Ah - I was referring to the current implementation in master l, which do ignore it. I personally think it makes sense to treat non-sf layers as lat-long values and transform based on the given crs
You may be right hat this should all be tackled at once. I’ll carve some time out next week to get acquainted with your PR
I personally think it makes sense to treat non-sf layers as lat-long values and transform based on the given crs
I think it needs to be configurable, if only for backwards compatibility.
I'm fairly sure that the call to st_transform()
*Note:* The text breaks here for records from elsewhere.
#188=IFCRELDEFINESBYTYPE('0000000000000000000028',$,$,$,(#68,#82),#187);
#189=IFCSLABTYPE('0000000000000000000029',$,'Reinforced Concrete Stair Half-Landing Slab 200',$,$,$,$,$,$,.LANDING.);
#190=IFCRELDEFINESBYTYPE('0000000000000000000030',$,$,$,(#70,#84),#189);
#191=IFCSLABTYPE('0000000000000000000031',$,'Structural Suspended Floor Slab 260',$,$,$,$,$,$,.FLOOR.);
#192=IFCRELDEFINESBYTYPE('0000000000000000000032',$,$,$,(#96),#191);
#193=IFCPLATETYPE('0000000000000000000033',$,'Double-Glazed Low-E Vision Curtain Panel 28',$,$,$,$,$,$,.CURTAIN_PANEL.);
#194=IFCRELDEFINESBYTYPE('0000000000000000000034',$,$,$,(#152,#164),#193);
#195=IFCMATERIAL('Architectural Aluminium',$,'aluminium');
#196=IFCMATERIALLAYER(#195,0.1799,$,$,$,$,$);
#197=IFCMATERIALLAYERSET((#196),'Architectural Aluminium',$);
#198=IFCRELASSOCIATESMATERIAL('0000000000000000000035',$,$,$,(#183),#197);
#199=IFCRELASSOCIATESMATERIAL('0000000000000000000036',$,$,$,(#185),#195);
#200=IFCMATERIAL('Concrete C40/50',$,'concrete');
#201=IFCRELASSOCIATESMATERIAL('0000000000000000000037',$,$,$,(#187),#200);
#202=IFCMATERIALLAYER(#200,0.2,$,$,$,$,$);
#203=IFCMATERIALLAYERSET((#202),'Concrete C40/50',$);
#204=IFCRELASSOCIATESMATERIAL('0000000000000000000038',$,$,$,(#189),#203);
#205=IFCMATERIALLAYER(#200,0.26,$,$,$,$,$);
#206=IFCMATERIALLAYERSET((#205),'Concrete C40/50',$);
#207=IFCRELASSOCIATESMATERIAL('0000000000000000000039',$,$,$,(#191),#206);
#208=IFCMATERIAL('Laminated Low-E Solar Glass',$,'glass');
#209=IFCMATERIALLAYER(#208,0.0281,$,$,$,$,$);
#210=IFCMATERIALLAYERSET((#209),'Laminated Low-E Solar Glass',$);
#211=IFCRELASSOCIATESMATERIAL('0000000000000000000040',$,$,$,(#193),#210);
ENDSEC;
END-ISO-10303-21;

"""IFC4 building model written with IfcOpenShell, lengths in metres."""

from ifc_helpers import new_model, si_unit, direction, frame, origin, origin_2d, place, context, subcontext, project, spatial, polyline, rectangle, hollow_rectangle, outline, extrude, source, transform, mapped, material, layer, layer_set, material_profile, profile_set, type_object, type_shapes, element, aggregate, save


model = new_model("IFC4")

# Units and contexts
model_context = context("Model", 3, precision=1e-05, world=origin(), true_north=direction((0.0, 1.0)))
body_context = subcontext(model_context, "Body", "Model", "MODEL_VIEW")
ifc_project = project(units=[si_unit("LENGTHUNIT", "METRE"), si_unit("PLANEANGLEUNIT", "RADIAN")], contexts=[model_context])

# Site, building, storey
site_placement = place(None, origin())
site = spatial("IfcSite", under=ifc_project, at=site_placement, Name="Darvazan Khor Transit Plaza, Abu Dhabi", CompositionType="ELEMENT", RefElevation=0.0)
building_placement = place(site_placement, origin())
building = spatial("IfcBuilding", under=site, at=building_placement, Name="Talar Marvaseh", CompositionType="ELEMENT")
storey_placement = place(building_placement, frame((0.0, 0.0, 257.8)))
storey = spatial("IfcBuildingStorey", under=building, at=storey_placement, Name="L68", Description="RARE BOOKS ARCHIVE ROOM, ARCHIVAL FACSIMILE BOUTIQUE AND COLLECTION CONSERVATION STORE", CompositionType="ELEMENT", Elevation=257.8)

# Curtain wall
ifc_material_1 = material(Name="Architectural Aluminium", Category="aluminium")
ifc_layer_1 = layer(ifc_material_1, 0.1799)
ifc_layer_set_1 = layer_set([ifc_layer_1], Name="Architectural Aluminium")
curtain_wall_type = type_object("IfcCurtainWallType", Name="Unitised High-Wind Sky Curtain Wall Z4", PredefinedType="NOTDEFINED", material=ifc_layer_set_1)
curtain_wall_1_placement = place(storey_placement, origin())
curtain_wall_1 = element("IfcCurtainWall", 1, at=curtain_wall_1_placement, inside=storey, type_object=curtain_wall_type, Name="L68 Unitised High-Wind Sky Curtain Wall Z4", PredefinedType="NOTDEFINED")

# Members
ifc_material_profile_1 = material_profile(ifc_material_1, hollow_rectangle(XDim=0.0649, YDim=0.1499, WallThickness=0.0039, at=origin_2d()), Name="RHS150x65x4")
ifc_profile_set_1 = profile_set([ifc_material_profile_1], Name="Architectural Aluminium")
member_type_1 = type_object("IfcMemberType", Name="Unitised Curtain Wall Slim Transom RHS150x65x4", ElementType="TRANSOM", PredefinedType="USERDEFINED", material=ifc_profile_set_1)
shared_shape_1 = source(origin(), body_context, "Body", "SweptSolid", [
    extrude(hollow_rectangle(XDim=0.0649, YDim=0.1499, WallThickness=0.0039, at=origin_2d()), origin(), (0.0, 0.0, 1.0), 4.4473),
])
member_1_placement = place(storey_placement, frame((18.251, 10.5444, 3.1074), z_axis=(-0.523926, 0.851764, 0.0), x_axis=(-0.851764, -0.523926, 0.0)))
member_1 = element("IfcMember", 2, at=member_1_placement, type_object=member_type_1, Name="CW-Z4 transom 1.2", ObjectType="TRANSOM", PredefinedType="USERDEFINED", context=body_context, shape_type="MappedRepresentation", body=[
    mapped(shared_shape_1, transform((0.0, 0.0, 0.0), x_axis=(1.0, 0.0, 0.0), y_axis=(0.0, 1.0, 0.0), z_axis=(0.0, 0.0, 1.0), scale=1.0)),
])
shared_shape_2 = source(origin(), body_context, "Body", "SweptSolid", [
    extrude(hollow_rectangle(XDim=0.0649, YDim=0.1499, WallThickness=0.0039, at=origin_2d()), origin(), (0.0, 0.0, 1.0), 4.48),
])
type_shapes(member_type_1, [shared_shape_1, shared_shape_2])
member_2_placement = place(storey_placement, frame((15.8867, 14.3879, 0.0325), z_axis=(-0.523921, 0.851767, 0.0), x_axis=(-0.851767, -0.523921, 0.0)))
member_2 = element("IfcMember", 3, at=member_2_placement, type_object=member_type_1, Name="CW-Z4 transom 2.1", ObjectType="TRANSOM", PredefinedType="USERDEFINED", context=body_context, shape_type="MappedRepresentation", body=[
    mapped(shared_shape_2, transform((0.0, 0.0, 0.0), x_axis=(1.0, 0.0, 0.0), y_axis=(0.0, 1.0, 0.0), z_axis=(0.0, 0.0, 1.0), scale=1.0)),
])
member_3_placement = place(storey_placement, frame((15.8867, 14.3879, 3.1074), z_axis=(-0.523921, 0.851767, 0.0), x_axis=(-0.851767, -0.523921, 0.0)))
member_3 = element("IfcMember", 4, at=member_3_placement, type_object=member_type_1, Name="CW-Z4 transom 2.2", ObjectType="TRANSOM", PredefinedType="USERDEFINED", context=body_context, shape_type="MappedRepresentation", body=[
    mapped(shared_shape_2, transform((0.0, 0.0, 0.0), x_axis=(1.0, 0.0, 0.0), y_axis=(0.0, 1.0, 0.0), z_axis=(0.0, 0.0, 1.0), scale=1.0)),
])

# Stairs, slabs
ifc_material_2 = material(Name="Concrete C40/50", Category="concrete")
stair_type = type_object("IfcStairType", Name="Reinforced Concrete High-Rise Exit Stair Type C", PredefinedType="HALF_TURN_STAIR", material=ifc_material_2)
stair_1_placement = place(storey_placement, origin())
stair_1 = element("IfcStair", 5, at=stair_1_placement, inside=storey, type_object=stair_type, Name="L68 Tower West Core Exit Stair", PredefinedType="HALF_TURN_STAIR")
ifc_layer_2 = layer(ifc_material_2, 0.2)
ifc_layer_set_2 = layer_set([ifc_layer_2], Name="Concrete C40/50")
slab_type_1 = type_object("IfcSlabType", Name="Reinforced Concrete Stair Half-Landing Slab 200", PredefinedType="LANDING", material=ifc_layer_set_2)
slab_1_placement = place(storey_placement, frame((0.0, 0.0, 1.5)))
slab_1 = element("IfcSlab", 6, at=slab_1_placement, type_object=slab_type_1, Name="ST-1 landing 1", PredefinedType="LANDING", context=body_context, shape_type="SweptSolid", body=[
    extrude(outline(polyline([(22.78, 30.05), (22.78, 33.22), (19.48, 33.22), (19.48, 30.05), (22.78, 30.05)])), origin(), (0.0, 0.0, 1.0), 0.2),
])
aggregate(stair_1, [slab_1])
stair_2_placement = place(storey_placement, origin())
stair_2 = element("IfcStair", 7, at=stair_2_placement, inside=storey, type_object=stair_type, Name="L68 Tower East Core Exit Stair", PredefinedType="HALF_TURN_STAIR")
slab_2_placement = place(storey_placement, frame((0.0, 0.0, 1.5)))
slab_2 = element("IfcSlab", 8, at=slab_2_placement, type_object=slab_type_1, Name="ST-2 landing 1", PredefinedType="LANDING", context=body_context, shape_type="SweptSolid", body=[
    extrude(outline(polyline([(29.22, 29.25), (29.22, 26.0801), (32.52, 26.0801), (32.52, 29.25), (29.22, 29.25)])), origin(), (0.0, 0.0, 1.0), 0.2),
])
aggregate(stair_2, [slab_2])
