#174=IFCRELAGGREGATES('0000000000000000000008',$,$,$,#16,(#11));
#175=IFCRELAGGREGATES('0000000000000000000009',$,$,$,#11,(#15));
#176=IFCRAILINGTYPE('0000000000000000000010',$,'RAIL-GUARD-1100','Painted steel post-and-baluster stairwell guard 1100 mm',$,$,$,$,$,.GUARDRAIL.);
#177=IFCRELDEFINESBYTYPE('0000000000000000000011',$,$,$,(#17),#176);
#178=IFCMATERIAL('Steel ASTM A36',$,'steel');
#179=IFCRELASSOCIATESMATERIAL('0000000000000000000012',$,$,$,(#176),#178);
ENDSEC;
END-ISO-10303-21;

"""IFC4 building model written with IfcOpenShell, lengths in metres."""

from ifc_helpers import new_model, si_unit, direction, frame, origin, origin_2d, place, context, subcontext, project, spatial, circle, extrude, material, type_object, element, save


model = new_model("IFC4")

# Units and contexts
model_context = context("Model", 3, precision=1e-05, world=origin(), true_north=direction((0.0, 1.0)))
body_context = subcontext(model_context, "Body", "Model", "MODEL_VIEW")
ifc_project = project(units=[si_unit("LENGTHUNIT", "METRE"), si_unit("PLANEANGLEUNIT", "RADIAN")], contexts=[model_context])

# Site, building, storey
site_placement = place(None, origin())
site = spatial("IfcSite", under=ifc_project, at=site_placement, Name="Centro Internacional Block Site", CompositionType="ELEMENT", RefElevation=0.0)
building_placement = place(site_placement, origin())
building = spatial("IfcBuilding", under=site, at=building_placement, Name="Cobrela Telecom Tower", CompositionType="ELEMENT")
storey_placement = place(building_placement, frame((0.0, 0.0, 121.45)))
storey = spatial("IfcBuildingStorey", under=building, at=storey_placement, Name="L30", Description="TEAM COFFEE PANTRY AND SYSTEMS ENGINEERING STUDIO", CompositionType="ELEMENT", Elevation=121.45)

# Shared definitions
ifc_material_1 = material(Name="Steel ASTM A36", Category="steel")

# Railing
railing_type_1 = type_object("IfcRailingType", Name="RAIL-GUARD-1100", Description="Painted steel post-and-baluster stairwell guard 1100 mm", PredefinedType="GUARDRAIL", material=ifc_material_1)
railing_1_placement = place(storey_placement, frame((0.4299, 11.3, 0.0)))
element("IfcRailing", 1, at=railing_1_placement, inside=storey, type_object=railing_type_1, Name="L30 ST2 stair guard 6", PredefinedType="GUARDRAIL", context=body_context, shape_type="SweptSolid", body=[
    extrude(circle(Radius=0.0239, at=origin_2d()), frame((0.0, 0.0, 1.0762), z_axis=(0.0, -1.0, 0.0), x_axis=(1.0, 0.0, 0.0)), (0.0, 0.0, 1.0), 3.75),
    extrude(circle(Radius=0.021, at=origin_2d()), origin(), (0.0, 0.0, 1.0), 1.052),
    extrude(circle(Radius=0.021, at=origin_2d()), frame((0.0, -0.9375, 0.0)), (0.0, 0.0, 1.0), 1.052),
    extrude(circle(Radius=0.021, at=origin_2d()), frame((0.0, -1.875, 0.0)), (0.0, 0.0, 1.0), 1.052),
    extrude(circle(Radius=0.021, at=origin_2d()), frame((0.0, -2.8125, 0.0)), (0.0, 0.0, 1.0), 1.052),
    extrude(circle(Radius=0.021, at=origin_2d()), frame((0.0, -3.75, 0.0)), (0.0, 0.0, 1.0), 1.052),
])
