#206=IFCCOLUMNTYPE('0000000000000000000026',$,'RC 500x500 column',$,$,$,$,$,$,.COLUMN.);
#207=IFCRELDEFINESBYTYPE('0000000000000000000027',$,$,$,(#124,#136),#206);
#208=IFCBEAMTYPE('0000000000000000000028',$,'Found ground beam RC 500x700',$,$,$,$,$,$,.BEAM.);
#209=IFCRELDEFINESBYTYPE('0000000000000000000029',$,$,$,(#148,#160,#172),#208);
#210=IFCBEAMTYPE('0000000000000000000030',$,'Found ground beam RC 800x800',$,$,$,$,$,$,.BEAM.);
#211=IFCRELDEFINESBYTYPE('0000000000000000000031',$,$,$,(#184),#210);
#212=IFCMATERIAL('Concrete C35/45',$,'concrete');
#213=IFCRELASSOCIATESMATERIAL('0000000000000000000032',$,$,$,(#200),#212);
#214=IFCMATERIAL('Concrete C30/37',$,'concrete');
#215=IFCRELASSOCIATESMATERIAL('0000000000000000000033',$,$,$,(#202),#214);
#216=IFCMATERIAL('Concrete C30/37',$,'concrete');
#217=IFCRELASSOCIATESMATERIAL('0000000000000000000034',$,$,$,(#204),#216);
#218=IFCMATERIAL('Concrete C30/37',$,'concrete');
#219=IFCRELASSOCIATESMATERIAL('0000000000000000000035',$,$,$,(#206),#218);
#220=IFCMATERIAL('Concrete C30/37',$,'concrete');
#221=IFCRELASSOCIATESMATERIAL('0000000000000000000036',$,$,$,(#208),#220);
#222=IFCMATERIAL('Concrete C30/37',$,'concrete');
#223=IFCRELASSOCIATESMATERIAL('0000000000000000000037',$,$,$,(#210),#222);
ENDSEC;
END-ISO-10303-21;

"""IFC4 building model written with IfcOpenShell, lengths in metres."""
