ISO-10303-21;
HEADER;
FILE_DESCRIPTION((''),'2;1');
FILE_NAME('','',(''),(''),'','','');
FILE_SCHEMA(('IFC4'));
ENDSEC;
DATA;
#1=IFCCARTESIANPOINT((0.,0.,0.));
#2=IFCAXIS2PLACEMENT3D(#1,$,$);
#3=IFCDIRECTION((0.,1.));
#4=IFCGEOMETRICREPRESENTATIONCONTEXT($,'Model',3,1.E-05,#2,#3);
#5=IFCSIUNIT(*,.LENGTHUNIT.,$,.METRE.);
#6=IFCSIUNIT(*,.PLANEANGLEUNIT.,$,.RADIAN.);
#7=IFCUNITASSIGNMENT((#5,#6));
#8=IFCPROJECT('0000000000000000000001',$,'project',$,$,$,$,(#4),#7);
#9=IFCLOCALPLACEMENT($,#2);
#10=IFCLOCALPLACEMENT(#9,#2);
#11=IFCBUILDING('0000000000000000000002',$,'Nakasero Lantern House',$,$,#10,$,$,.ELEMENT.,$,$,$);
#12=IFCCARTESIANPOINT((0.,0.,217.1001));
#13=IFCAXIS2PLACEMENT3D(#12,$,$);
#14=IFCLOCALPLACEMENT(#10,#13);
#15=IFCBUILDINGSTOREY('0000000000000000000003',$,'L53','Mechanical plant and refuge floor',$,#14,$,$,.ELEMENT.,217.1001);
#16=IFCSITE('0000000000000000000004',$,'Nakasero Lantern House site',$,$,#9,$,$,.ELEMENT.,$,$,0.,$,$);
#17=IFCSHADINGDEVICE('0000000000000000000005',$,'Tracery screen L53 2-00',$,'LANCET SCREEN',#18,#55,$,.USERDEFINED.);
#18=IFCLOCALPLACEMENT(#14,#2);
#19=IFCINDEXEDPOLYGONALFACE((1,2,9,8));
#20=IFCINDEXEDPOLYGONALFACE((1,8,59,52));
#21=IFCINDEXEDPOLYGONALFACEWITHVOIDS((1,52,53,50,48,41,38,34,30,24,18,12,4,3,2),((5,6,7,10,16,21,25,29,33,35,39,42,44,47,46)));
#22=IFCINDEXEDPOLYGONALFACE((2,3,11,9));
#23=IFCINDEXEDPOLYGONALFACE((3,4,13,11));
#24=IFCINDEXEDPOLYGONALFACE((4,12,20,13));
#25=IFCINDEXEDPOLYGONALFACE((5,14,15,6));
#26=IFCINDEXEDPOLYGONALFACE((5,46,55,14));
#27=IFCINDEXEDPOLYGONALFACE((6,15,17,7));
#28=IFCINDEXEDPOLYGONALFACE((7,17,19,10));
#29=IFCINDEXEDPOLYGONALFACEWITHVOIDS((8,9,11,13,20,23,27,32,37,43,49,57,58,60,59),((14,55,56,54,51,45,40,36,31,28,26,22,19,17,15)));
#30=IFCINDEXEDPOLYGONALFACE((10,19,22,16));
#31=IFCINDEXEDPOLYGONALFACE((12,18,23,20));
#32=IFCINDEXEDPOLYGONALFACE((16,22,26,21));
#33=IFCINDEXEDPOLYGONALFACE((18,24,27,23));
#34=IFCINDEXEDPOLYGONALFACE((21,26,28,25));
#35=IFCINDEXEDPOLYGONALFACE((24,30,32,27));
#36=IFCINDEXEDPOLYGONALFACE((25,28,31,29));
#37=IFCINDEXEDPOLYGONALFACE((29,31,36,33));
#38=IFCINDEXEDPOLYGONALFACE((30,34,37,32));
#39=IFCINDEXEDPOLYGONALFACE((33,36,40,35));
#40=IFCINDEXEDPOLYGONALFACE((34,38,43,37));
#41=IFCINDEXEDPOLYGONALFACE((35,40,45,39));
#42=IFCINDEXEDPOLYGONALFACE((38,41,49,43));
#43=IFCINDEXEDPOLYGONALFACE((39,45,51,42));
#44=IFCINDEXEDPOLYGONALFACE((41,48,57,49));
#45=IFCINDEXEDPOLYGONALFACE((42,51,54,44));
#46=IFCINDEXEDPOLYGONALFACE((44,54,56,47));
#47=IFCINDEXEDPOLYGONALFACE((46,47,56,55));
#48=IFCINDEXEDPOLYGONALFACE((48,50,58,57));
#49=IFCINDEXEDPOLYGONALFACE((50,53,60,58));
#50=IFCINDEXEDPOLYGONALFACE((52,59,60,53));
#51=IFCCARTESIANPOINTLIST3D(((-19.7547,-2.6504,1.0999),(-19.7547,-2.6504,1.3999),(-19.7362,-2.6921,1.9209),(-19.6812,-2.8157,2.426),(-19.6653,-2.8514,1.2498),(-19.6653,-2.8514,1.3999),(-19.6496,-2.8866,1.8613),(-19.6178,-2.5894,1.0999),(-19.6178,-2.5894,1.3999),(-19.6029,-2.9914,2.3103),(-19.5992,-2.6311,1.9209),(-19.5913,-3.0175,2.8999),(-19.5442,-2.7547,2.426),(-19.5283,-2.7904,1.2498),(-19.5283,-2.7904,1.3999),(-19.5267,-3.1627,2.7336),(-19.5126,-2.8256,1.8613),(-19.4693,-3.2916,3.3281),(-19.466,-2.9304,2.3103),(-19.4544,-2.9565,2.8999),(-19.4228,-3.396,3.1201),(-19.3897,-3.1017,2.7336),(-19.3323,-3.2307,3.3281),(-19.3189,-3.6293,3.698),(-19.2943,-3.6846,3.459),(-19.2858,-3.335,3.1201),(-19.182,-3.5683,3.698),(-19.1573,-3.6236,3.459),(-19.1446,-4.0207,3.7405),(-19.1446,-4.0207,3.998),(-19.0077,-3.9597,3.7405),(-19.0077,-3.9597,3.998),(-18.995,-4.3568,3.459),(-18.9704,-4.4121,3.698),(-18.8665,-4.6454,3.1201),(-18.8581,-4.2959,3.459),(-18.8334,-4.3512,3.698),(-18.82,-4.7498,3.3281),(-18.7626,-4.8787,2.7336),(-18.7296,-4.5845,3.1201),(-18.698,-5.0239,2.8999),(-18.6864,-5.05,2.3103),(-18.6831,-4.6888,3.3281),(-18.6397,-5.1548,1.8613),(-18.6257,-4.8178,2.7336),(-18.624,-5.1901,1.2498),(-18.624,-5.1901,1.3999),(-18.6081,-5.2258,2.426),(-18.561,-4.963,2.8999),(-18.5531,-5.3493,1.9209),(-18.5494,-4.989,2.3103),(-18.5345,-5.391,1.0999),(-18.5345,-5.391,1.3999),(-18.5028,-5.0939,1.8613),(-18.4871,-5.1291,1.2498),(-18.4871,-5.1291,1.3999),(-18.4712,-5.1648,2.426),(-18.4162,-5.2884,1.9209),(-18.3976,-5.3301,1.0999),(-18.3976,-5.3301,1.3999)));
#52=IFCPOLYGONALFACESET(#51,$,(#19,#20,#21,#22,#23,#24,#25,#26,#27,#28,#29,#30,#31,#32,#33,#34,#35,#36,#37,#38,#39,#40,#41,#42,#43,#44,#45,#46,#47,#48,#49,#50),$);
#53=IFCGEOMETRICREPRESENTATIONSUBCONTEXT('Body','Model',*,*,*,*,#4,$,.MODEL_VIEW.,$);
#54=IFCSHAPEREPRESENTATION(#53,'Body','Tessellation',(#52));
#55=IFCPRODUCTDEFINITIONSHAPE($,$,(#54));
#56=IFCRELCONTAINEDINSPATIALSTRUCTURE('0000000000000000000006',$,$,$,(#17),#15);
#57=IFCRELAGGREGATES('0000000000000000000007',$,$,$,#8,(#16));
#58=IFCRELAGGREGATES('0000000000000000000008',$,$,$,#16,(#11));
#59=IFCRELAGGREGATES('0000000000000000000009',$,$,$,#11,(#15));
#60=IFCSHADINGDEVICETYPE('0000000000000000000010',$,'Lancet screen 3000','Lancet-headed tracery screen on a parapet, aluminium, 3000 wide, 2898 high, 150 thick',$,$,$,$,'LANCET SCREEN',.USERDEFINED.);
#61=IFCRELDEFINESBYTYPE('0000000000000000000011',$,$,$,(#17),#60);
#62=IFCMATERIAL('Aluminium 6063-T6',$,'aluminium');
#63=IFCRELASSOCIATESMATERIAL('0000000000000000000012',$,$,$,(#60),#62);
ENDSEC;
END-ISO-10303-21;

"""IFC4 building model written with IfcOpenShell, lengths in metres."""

from ifc_helpers import new_model, si_unit, direction, frame, origin, place, context, subcontext, project, spatial, polyline, outline, extrude, material, type_object, element, save


model = new_model("IFC4")

# Units and contexts
model_context = context("Model", 3, precision=1e-05, world=origin(), true_north=direction((0.0, 1.0)))
body_context = subcontext(model_context, "Body", "Model", "MODEL_VIEW")
ifc_project = project(units=[si_unit("LENGTHUNIT", "METRE"), si_unit("PLANEANGLEUNIT", "RADIAN")], contexts=[model_context])

# Site, building, storey
site_placement = place(None, origin())
site = spatial("IfcSite", under=ifc_project, at=site_placement, Name="Nakasero Lantern House site", CompositionType="ELEMENT", RefElevation=0.0)
building_placement = place(site_placement, origin())
building = spatial("IfcBuilding", under=site, at=building_placement, Name="Nakasero Lantern House", CompositionType="ELEMENT")
storey_placement = place(building_placement, frame((0.0, 0.0, 217.1001)))
storey = spatial("IfcBuildingStorey", under=building, at=storey_placement, Name="L53", Description="Mechanical plant and refuge floor", CompositionType="ELEMENT", Elevation=217.1001)

# Shading device
ifc_material_1 = material(Name="Aluminium 6063-T6", Category="aluminium")
shading_device_type = type_object("IfcShadingDeviceType", Name="Lancet screen 3000", Description="Lancet-headed tracery screen on a parapet, aluminium, 3000 wide, 2898 high, 150 thick", ElementType="LANCET SCREEN", PredefinedType="USERDEFINED", material=ifc_material_1)
shading_device_placement = place(storey_placement, frame((-19.0762, -3.9902, 1.0999), z_axis=(0.0, 0.0, 1.0), x_axis=(0.406737, -0.913545, 0.0)))
element("IfcShadingDevice", 1, at=shading_device_placement, inside=storey, type_object=shading_device_type, Name="Tracery screen L53 2-00", ObjectType="LANCET SCREEN", PredefinedType="USERDEFINED", context=body_context, shape_type="SweptSolid", body=[
    extrude(outline(polyline([(-1.5, 0.0), (1.5, 0.0), (1.5, 0.3), (1.4543, 0.821), (1.3191, 1.3262), (1.0981, 1.8), (0.7981, 2.2283), (0.4285, 2.5981), (0.0, 2.8982), (-0.4285, 2.5981), (-0.7981, 2.2283), (-1.0981, 1.8), (-1.3191, 1.3262), (-1.4543, 0.821), (-1.5, 0.3), (-1.5, 0.0)]), holes=[polyline([(-1.28, 0.1499), (1.28, 0.1499), (1.28, 0.3), (1.2415, 0.7615), (1.1267, 1.2104), (0.9392, 1.6338), (0.6838, 2.0203), (0.3679, 2.3591), (0.0, 2.6406), (-0.3679, 2.3591), (-0.6838, 2.0203), (-0.9392, 1.6338), (-1.1267, 1.2104), (-1.2415, 0.7615), (-1.28, 0.3), (-1.28, 0.1499)])]), frame((0.0, 0.075, 0.0), z_axis=(0.0, -1.0, 0.0), x_axis=(1.0, 0.0, 0.0)), (0.0, 0.0, 1.0), 0.1499),
])

save(model, "model.ifc")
occurs in CoordSf$setup_data()
because it ensures that the scales are trained in the proper coordinate system (I imagine you all know this I just didn't see it mentioned above). It's possible to do this in the Stat
instead, transforming only the extent (I do this with rasters in ggspatial).
I've also wondered why non-spatial layers aren't assumed as WGS84...I implemented a stat_spatial_identity()
that makes this work for point geometries, but obviously won't work for anything else. https://github.com/paleolimbot/ggspatial/blob/master/R/geom-spatial.R#L38
I've also wondered why non-spatial layers aren't assumed as WGS84
I have been thinking about this quite a bit. As far as I can tell, the largest problem is repeated transformations. Ideally, we would hold all coordinates for all layers in WGS84 until draw time. This would mean transforming all spatial layers to WGS84, and then transforming to the desired CRS twice, once to figure out the scale extents and once to actually draw. That seems rather inefficient.
The following is some code I use to train the scales for rasters in ggspatial...basically it creates a grid in the source CRS, projects it, then gets the extent in the destination CRS. If it's decided that the st_transform()
call really belongs in Coord$transform()
, something like this could be added to StatSf
:
proj_grid <- sf::st_make_grid(proj_corners, n = 10, what = "corners")
out_grid <- sf::st_transform(proj_grid, crs = to_crs)
out_bbox <- sf::st_bbox(out_grid)
@thomasp85 is this still a barrier for gganimate?
I have played around with this a bit, and it should be doable to move the transformation step. This step is after scale training, so we can't train scales the usual way. Instead, you can train scales on the extent, as Dewey indicated.
However, training on the extent rather than the transformed data will include extraneous points.
For example, the data below is st_crs(4326)
data projected to st_crs(5070)
.
The points are a grid along the extent in original coordinates.
Under the new transformation rule, the outermost grid points are included in the extent. This lets scales include a rather large part near the bottom where there is no geometry.
I'm not a geospatial expert, so I don't know if this is an acceptable tradeoff.
The current implementation of
CoordSf
has the crs transformation implemented in thesetup_data()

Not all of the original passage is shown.